(from the Introduction to Transportation Engineering Series)
Highways’ Hidden Subsidies
Highway users of course pay a user fee to pay for the cost of highways. Federal gas taxes are dedicated to the federal Highway Trust Fund, and many states, including Minnesota, have similar rules at the state level. So far, so good. The trust fund has in recent years fallen short of the amount that politicians want to spend on roads, but that is in principle easily corrected with an increase in the user fee or a decrease in spending. Most local roads (municipal and county) are paid for via local general revenue. This is also well known in the community, if not the general public.
The hidden subsidy is in states which have general sales taxes, but don’t apply them to gasoline. Thus, in Minnesota, I pay a sales tax on prepared food, but not gasoline (or clothing, or random other things). Thus relatively, spending is encouraged in those untaxed areas, which are 6.875% less taxed than other goods. This lack of a tax is not a subsidy in a state which doesn’t tax sales, and instead taxes income or property. But where sales are taxed, but gasoline is exempted, other goods are implicitly taxed more so gasoline can be explicitly taxed less. Note this is not universal across the US.
In California, there has long been both a sales and use tax. However the value of the sales tax on gasoline is now lower the sales tax on general goods, though for many years it was close or the same. There is argument about the fact that the sales tax is levied on both the gasoline and the user fee associated with the gasoline. In short, the general principal is that gasoline cannot be simultaneously be taxed with the funds dedicated to highways (thus acting as a user fee) and exempted from sales taxes without there being a subsidy that at least partially offsets the user fee. At a $3.00/gallon price of gas, a 6.875% tax raises $0.20625 per gallon. To compare, the state gas tax is $0.286 per gallon. Thus, in Minnesota the net state user fee is only about $0.08 per gallon, not the $0.286 per gallon widely advertised. The federal gas tax is $0.184 per gallon. This is more truly a user fee. Also since there is no federal sales tax, gasoline is not disproportionately favored. The tax in Minnesota is higher in some localities to pay for other things. We could similarly look at the motor vehicle sales tax (MVST), which is dedicated to transportation in Minnesota. It is 6.5%. Nothing wrong with dedicating the funds, but as a result, they cannot be counted as user fees, since sales tax revenue would otherwise go to general revenue. Based on this document, since 2011, 60% of the MVST goes to the Highway User Tax Distribution Fund, and 40% goes to the Transit Fund.

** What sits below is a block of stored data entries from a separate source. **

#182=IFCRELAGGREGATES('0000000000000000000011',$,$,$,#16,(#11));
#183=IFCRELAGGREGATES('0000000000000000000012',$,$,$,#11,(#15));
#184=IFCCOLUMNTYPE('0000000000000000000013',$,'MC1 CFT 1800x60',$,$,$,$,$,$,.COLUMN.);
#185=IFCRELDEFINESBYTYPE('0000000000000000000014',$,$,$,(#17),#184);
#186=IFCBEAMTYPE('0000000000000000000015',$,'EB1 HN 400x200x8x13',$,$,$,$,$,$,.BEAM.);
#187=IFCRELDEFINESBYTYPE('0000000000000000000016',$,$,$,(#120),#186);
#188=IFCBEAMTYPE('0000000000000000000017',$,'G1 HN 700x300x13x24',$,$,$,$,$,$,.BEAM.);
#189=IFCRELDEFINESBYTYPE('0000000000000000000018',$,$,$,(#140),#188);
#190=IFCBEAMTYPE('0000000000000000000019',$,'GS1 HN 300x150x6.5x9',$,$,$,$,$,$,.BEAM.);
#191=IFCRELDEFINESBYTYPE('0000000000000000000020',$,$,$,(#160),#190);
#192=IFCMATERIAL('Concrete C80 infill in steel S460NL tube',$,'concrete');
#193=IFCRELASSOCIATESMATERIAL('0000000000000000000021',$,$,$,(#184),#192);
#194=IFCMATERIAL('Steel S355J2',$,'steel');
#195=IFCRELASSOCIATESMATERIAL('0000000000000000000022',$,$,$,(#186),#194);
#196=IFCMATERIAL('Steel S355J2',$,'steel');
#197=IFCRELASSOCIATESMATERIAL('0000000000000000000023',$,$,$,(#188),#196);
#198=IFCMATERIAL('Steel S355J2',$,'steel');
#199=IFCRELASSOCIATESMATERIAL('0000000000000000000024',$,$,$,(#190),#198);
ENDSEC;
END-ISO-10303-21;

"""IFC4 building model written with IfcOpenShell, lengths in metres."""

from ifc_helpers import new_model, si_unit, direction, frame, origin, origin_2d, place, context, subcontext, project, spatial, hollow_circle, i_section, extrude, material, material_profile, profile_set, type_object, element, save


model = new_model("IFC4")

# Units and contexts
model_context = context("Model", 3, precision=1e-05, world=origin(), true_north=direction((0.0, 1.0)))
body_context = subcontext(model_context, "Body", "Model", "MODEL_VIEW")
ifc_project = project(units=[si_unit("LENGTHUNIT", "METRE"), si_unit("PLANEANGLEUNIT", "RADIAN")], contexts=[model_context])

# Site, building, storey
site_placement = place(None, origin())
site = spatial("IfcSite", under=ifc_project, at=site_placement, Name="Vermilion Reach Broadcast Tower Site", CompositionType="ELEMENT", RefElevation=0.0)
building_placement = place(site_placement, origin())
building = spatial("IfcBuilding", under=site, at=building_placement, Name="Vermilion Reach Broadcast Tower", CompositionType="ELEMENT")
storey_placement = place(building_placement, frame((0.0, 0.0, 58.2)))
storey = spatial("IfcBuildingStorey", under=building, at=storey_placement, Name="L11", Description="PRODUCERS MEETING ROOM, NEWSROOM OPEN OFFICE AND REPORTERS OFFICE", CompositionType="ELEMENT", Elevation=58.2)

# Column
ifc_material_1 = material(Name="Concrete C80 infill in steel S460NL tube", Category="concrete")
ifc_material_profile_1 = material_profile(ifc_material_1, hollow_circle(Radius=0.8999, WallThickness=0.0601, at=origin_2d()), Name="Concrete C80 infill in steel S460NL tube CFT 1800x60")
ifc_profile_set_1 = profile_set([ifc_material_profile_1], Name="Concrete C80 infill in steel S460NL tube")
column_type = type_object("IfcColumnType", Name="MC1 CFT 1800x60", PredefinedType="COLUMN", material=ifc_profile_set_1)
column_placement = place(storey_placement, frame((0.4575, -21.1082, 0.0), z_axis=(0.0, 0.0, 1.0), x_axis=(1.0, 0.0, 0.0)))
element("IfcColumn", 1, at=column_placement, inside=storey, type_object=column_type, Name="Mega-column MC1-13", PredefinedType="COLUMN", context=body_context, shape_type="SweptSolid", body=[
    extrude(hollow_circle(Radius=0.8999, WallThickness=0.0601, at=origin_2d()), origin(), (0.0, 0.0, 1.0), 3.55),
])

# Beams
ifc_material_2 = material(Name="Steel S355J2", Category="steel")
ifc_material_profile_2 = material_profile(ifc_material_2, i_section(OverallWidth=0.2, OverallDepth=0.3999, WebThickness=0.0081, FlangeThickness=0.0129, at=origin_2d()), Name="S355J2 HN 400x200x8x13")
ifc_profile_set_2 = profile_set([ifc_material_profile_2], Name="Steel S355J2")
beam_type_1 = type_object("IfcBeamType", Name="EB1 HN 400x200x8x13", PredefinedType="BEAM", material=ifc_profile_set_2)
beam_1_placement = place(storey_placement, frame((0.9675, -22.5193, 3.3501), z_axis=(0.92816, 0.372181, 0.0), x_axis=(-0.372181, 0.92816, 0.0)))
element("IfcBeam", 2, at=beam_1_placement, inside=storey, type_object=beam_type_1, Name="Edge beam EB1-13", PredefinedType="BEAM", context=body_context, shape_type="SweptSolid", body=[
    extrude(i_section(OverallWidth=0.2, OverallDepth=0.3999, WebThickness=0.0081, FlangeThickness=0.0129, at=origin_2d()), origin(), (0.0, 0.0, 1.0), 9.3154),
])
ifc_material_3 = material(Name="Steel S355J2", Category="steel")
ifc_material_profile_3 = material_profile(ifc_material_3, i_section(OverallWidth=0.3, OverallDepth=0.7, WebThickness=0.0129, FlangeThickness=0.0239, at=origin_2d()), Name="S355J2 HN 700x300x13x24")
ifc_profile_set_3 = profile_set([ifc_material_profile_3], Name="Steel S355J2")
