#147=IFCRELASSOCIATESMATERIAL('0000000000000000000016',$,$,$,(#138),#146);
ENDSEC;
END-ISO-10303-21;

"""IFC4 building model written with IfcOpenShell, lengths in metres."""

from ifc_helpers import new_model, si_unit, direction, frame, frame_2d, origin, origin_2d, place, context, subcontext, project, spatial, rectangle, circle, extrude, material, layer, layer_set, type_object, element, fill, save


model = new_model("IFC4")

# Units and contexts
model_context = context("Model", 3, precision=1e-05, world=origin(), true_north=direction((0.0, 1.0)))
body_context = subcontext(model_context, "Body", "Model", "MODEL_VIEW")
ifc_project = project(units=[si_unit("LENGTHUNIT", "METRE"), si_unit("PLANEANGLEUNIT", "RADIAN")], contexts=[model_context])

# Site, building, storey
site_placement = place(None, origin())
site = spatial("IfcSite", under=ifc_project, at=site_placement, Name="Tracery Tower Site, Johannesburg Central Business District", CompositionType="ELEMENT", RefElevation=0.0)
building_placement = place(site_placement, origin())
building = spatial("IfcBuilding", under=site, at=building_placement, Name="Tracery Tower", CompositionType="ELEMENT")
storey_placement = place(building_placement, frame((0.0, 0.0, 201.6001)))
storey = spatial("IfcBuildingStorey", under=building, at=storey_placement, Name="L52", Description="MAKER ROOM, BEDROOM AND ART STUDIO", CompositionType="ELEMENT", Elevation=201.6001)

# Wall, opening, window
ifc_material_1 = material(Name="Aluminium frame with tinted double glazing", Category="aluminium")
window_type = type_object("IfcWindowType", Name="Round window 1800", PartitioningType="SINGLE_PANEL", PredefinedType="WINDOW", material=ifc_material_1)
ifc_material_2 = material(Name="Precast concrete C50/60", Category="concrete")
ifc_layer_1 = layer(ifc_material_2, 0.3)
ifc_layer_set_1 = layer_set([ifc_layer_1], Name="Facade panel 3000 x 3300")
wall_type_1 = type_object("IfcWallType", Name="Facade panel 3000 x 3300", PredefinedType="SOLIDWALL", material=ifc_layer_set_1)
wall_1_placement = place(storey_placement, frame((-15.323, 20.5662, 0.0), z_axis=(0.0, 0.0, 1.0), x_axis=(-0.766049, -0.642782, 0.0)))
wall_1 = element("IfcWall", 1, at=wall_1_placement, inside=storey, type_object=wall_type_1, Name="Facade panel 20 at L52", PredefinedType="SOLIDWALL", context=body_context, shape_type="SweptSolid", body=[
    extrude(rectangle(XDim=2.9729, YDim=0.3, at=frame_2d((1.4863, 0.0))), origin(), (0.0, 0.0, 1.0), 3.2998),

The general sales tax should apply to all goods equally to minimize distortions. Better, a value added tax should be used. Special taxes on beneficiaries should be used where they can be, but not in lieu of general taxes. There is sufficient economic capacity in the highway system for users to pay for the whole thing (the evidence being how much people have paid for gasoline per gallon in the past here, and how much they pay in other countries), it’s a shame we don’t take advantage of that. After paying for roads, and their externalities, and their share of the general tax burden, road users will be paying about their fair share. Taxes are needlessly complicated by special interests in the United States. This allows all sorts-of hidden subsidies. Let’s expose them to the sunlight, and then make objective decisions about whether we should lower the general sales tax on all other goods, and impose that tax rate on fuel.
Updated: Ben Ross made a similar point in Maryland transportation “lockbox” has a big hole.